By Pauline Kithinji.

One of the tactics my dad used to make me take my studies seriously was to threaten to enrol me for a P1 (Primary Teacher Education Certificate) if I failed my national examinations. It worked.
It’s just a certificate, let alone a diploma. And I dreaded the mere thought of being a teacher. Teaching seemed monotonously boring and un-ambitious.
But now I look back and think of the resilience it must have taken my pre-school teacher to get me and some other ten or thereabout toddlers to write the alphabet apart from just singing it. How shrewd she must have been to have our attention. The zeal to have us all eat our lunch.
The heart she must have possessed to sometimes clean us up when our slow learning bladders lost their control. The difficulty she must have faced to get us all to sleep in the afternoons, something we would be so grateful for now.
Or my class eight English teacher, whom I still speak to. The tolerance it must have taken to read all those too cliché and grammatically eroded compositions.
The patience he must have had to make it get to our heads that we travel by bus and on foot and that we say my name is, not my names are, which we still struggle with to date.

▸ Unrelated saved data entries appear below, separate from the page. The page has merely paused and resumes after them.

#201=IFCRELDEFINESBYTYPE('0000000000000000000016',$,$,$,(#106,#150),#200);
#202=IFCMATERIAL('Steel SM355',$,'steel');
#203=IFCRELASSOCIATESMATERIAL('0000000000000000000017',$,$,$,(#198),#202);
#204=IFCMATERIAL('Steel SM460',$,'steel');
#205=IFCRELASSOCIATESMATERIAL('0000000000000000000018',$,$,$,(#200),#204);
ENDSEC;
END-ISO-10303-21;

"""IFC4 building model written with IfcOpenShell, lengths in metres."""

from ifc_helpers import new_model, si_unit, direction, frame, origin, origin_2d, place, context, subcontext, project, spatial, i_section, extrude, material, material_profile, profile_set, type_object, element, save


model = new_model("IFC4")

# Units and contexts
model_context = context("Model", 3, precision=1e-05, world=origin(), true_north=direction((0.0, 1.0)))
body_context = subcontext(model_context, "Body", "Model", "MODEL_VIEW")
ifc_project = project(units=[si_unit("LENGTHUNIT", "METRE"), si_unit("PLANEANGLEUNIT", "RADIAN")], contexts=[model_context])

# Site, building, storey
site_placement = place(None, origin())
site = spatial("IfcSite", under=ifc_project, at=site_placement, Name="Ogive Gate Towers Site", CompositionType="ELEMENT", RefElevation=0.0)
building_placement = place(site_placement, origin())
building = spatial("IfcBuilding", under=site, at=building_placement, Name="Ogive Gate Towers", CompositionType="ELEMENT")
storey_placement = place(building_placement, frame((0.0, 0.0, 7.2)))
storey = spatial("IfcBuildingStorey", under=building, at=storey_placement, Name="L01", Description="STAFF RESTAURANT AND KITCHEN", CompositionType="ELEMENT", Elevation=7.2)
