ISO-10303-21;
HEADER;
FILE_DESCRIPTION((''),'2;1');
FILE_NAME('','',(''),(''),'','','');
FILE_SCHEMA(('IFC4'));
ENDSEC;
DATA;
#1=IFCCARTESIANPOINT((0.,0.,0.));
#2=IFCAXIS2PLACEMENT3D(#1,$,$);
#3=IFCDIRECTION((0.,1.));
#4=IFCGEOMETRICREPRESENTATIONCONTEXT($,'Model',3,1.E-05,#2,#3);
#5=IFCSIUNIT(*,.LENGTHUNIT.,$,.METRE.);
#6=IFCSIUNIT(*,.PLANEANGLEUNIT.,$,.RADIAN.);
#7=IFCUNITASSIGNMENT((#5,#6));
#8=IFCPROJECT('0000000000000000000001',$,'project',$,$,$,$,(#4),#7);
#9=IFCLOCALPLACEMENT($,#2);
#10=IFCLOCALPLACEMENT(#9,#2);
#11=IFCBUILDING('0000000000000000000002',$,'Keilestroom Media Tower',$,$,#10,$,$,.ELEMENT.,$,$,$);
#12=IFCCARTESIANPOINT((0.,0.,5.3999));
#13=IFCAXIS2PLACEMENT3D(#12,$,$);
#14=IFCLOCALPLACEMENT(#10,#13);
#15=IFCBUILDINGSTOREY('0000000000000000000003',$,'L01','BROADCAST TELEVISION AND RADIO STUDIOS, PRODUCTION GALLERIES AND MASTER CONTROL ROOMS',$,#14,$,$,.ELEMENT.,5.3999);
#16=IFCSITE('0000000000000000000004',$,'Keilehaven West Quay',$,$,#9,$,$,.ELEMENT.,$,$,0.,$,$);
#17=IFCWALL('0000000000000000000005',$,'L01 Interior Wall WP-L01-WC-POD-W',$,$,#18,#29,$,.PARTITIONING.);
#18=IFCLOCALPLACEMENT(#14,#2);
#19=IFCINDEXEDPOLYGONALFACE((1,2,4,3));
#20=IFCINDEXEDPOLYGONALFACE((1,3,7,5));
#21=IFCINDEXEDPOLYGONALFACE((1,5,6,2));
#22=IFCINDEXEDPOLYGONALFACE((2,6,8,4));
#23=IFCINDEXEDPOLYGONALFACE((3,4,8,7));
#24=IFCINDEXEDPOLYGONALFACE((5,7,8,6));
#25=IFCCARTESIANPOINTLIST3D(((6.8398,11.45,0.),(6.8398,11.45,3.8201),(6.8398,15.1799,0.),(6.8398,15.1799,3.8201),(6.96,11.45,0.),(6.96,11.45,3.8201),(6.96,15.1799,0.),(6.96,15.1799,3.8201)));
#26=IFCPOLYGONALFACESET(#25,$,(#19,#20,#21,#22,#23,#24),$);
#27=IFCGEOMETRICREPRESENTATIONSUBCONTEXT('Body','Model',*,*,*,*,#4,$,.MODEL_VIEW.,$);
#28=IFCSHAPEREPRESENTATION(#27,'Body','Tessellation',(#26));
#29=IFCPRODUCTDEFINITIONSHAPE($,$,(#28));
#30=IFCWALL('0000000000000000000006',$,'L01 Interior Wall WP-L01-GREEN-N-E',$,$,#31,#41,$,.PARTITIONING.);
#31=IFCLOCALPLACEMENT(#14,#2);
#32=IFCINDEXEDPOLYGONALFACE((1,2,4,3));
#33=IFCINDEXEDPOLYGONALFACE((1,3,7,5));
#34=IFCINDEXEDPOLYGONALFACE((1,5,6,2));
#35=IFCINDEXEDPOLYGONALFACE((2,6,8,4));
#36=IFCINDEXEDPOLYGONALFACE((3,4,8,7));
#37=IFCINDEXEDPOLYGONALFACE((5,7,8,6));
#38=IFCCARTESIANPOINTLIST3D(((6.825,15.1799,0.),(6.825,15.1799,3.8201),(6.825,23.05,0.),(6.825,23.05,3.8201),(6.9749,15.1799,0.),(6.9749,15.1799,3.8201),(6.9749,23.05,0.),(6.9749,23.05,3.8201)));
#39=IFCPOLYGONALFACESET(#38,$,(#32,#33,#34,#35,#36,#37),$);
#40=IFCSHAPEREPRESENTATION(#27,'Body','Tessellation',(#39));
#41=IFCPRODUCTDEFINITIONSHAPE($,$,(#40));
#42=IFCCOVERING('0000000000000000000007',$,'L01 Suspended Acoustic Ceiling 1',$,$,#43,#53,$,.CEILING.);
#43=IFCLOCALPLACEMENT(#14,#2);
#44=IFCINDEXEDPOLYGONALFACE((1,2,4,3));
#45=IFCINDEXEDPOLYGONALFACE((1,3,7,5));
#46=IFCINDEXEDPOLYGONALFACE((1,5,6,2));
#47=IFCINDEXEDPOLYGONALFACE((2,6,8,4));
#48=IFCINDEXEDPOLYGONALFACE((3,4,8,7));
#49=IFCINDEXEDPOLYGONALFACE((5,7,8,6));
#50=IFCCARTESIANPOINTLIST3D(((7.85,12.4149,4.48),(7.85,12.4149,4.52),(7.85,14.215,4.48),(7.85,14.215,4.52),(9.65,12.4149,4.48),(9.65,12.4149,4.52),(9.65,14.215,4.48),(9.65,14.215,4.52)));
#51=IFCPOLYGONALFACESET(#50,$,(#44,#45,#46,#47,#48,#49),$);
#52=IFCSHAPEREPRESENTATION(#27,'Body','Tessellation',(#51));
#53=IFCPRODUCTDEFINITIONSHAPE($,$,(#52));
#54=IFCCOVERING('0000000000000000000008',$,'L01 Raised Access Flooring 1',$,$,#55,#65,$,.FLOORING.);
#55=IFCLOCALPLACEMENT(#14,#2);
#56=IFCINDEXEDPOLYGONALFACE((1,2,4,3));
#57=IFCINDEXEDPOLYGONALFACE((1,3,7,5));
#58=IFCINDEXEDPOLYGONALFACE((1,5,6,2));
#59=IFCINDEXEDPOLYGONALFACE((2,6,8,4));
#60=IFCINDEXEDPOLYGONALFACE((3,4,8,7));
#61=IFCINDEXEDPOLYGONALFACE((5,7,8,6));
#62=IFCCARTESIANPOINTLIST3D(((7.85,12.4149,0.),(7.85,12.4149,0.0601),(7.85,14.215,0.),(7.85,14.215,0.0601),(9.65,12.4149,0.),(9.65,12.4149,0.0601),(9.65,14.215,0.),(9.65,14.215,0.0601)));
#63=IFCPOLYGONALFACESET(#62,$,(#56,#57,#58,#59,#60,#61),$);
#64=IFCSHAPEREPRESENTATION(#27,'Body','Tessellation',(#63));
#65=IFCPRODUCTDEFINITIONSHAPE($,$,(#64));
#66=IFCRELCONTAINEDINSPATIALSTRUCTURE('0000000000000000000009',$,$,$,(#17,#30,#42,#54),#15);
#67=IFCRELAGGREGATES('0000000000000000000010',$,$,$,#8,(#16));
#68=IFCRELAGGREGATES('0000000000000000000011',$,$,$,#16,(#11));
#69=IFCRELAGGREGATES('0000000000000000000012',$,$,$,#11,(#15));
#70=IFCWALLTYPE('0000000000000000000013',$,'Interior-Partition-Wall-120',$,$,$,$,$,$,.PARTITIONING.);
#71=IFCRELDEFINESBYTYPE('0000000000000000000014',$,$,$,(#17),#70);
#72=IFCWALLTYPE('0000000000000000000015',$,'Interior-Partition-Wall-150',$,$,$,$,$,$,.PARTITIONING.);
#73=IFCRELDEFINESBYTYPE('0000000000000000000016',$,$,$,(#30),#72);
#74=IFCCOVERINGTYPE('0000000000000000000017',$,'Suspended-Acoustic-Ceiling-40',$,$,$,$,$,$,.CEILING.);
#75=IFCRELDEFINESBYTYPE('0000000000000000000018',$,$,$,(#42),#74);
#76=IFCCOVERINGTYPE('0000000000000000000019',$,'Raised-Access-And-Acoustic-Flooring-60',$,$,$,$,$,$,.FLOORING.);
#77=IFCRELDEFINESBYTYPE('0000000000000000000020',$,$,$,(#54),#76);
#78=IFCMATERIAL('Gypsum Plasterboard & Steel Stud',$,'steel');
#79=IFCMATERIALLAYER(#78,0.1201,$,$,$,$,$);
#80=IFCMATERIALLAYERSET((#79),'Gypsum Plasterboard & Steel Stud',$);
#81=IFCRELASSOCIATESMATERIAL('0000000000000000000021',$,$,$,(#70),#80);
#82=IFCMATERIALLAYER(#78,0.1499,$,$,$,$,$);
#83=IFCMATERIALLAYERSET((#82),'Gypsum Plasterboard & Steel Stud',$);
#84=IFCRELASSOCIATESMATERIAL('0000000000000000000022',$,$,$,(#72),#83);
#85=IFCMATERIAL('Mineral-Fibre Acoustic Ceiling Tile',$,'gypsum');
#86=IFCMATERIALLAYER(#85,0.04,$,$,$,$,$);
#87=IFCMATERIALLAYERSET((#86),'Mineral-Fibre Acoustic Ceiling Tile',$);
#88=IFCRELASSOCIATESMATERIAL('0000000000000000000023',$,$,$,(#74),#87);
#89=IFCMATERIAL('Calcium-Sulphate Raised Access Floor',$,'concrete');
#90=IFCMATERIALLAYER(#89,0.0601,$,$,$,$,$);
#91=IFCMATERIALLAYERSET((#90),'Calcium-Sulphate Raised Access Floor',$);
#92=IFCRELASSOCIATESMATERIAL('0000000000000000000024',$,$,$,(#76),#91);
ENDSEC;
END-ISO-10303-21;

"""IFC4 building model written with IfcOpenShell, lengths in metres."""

from ifc_helpers import new_model, si_unit, direction, frame, frame_2d, origin, origin_2d, place, context, subcontext, project, spatial, rectangle, extrude, source, transform, mapped, material, layer, layer_set, type_object, element, save


model = new_model("IFC4")

# Units and contexts
model_context = context("Model", 3, precision=1e-05, world=origin(), true_north=direction((0.0, 1.0)))
body_context = subcontext(model_context, "Body", "Model", "MODEL_VIEW")
ifc_project = project(units=[si_unit("LENGTHUNIT", "METRE"), si_unit("PLANEANGLEUNIT", "RADIAN")], contexts=[model_context])

# Site, building, storey
site_placement = place(None, origin())
site = spatial("IfcSite", under=ifc_project, at=site_placement, Name="Keilehaven West Quay", CompositionType="ELEMENT", RefElevation=0.0)
building_placement = place(site_placement, origin())
building = spatial("IfcBuilding", under=site, at=building_placement, Name="Keilestroom Media Tower", CompositionType="ELEMENT")
storey_placement = place(building_placement, frame((0.0, 0.0, 5.3999)))
storey = spatial("IfcBuildingStorey", under=building, at=storey_placement, Name="L01", Description="BROADCAST TELEVISION AND RADIO STUDIOS, PRODUCTION GALLERIES AND MASTER CONTROL ROOMS", CompositionType="ELEMENT", Elevation=5.3999)

# Shared definitions
ifc_material_1 = material(Name="Gypsum Plasterboard & Steel Stud", Category="steel")
ifc_layer_1 = layer(ifc_material_1, 0.1201)
ifc_layer_set_1 = layer_set([ifc_layer_1], Name="Gypsum Plasterboard & Steel Stud")
wall_type_1 = type_object("IfcWallType", Name="Interior-Partition-Wall-120", PredefinedType="PARTITIONING", material=ifc_layer_set_1)

# Walls
wall_1_placement = place(storey_placement, frame((6.8999, 11.45, 0.0), z_axis=(0.0, 0.0, 1.0), x_axis=(0.0, 1.0, 0.0)))
element("IfcWall", 1, at=wall_1_placement, inside=storey, type_object=wall_type_1, Name="L01 Interior Wall WP-L01-WC-POD-W", PredefinedType="PARTITIONING", context=body_context, shape_type="SweptSolid", body=[
    extrude(rectangle(XDim=3.73, YDim=0.1201, at=frame_2d((1.865, 0.0))), origin(), (0.0, 0.0, 1.0), 3.8201),
])
ifc_layer_2 = layer(ifc_material_1, 0.1499)
ifc_layer_set_2 = layer_set([ifc_layer_2], Name="Gypsum Plasterboard & Steel Stud")
wall_type_2 = type_object("IfcWallType", Name="Interior-Partition-Wall-150", PredefinedType="PARTITIONING", material=ifc_layer_set_2)
wall_2_placement = place(storey_placement, frame((6.8999, 15.1799, 0.0), z_axis=(0.0, 0.0, 1.0), x_axis=(0.0, 1.0, 0.0)))
element("IfcWall", 2, at=wall_2_placement, inside=storey, type_object=wall_type_2, Name="L01 Interior Wall WP-L01-GREEN-N-E", PredefinedType="PARTITIONING", context=body_context, shape_type="SweptSolid", body=[
    extrude(rectangle(XDim=7.8701, YDim=0.1499, at=frame_2d((3.9351, 0.0))), origin(), (0.0, 0.0, 1.0), 3.8201),
])

# Coverings
ifc_material_2 = material(Name="Mineral-Fibre Acoustic Ceiling Tile", Category="gypsum")
ifc_layer_3 = layer(ifc_material_2, 0.04)
ifc_layer_set_3 = layer_set([ifc_layer_3], Name="Mineral-Fibre Acoustic Ceiling Tile")
covering_type_1 = type_object("IfcCoveringType", Name="Suspended-Acoustic-Ceiling-40", PredefinedType="CEILING", material=ifc_layer_set_3)
shared_shape_1 = source(origin(), body_context, "Body", "SweptSolid", [
    extrude(rectangle(XDim=1.8, YDim=1.8, at=origin_2d()), origin(), (0.0, 0.0, 1.0), 0.04),
])
covering_1_placement = place(storey_placement, frame((8.75, 13.3149, 4.48), z_axis=(0.0, 0.0, 1.0), x_axis=(1.0, 0.0, 0.0)))
element("IfcCovering", 3, at=covering_1_placement, inside=storey, type_object=covering_type_1, Name="L01 Suspended Acoustic Ceiling 1", PredefinedType="CEILING", context=body_context, shape_type="MappedRepresentation", body=[
    mapped(shared_shape_1, transform((0.0, 0.0, 0.0), x_axis=(1.0, 0.0, 0.0), y_axis=(0.0, 1.0, 0.0), z_axis=(0.0, 0.0, 1.0), scale=1.0)),
])
ifc_material_3 = material(Name="Calcium-Sulphate Raised Access Floor", Category="concrete")
ifc_layer_4 = layer(ifc_material_3, 0.0601)
ifc_layer_set_4 = layer_set([ifc_layer_4], Name="Calcium-Sulphate Raised Access Floor")
covering_type_2 = type_object("IfcCoveringType", Name="Raised-Access-And-Acoustic-Flooring-60", PredefinedType="FLOORING", material=ifc_layer_set_4)
shared_shape_2 = source(origin(), body_context, "Body", "SweptSolid", [
    extrude(rectangle(XDim=1.8, YDim=1.8, at=origin_2d()), origin(), (0.0, 0.0, 1.0), 0.0601),
])
covering_2_placement = place(storey_placement, frame((8.75, 13.3149, 0.0), z_axis=(0.0, 0.0, 1.0), x_axis=(1.0, 0.0, 0.0)))
element("IfcCovering", 4, at=covering_2_placement, inside=storey, type_object=covering_type_2, Name="L01 Raised Access Flooring 1", PredefinedType="FLOORING", context=body_context, shape_type="MappedRepresentation", body=[
    mapped(shared_shape_2, transform((0.0, 0.0, 0.0), x_axis=(1.0, 0.0, 0.0), y_axis=(0.0, 1.0, 0.0), z_axis=(0.0, 0.0, 1.0), scale=1.0)),
])

save(model, "model.ifc")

The Maths teacher must have found it harder than everyone else. The ability to still teach a subject he knew most hated. How persuasive he ought to have been to get some of us to like the subject, forget about the methods used. The skills it must have required him to get us to master the millions of mathematical formulas.
How about the teachers with mother tongue influence in their speech? How confident they should have been to still teach knowing that we were secretly laughing and making fun behind their backs.
More reverently I think of Michael Wamaya, one of the 2017 top ten finalists for The Varkey Foundation Global Teacher Awards. A high school drop out with a rewarding job among the many jobless graduates. He could easily have chosen to teach rich kids ballet, for after all aren’t they the ones that the dance is meant for. But he insists on sticking to kids from Mathare and Kibera. The impact he must have on those kids. For once they have something to boast of to their rich counterparts. The pride they must now have for the ability to do what they have only seen on telly.
And so now I wonder why teaching is highly discriminated when it is a profession of such great virtues. Why it is only in China that teachers are seen to have equal status with doctors, according to The Varkey Foundation Global Teacher Status Index. Because I can now only wish that I had the audacity to be a teacher.

Pauline Kithinji, a fourth year communication student at Daystar University.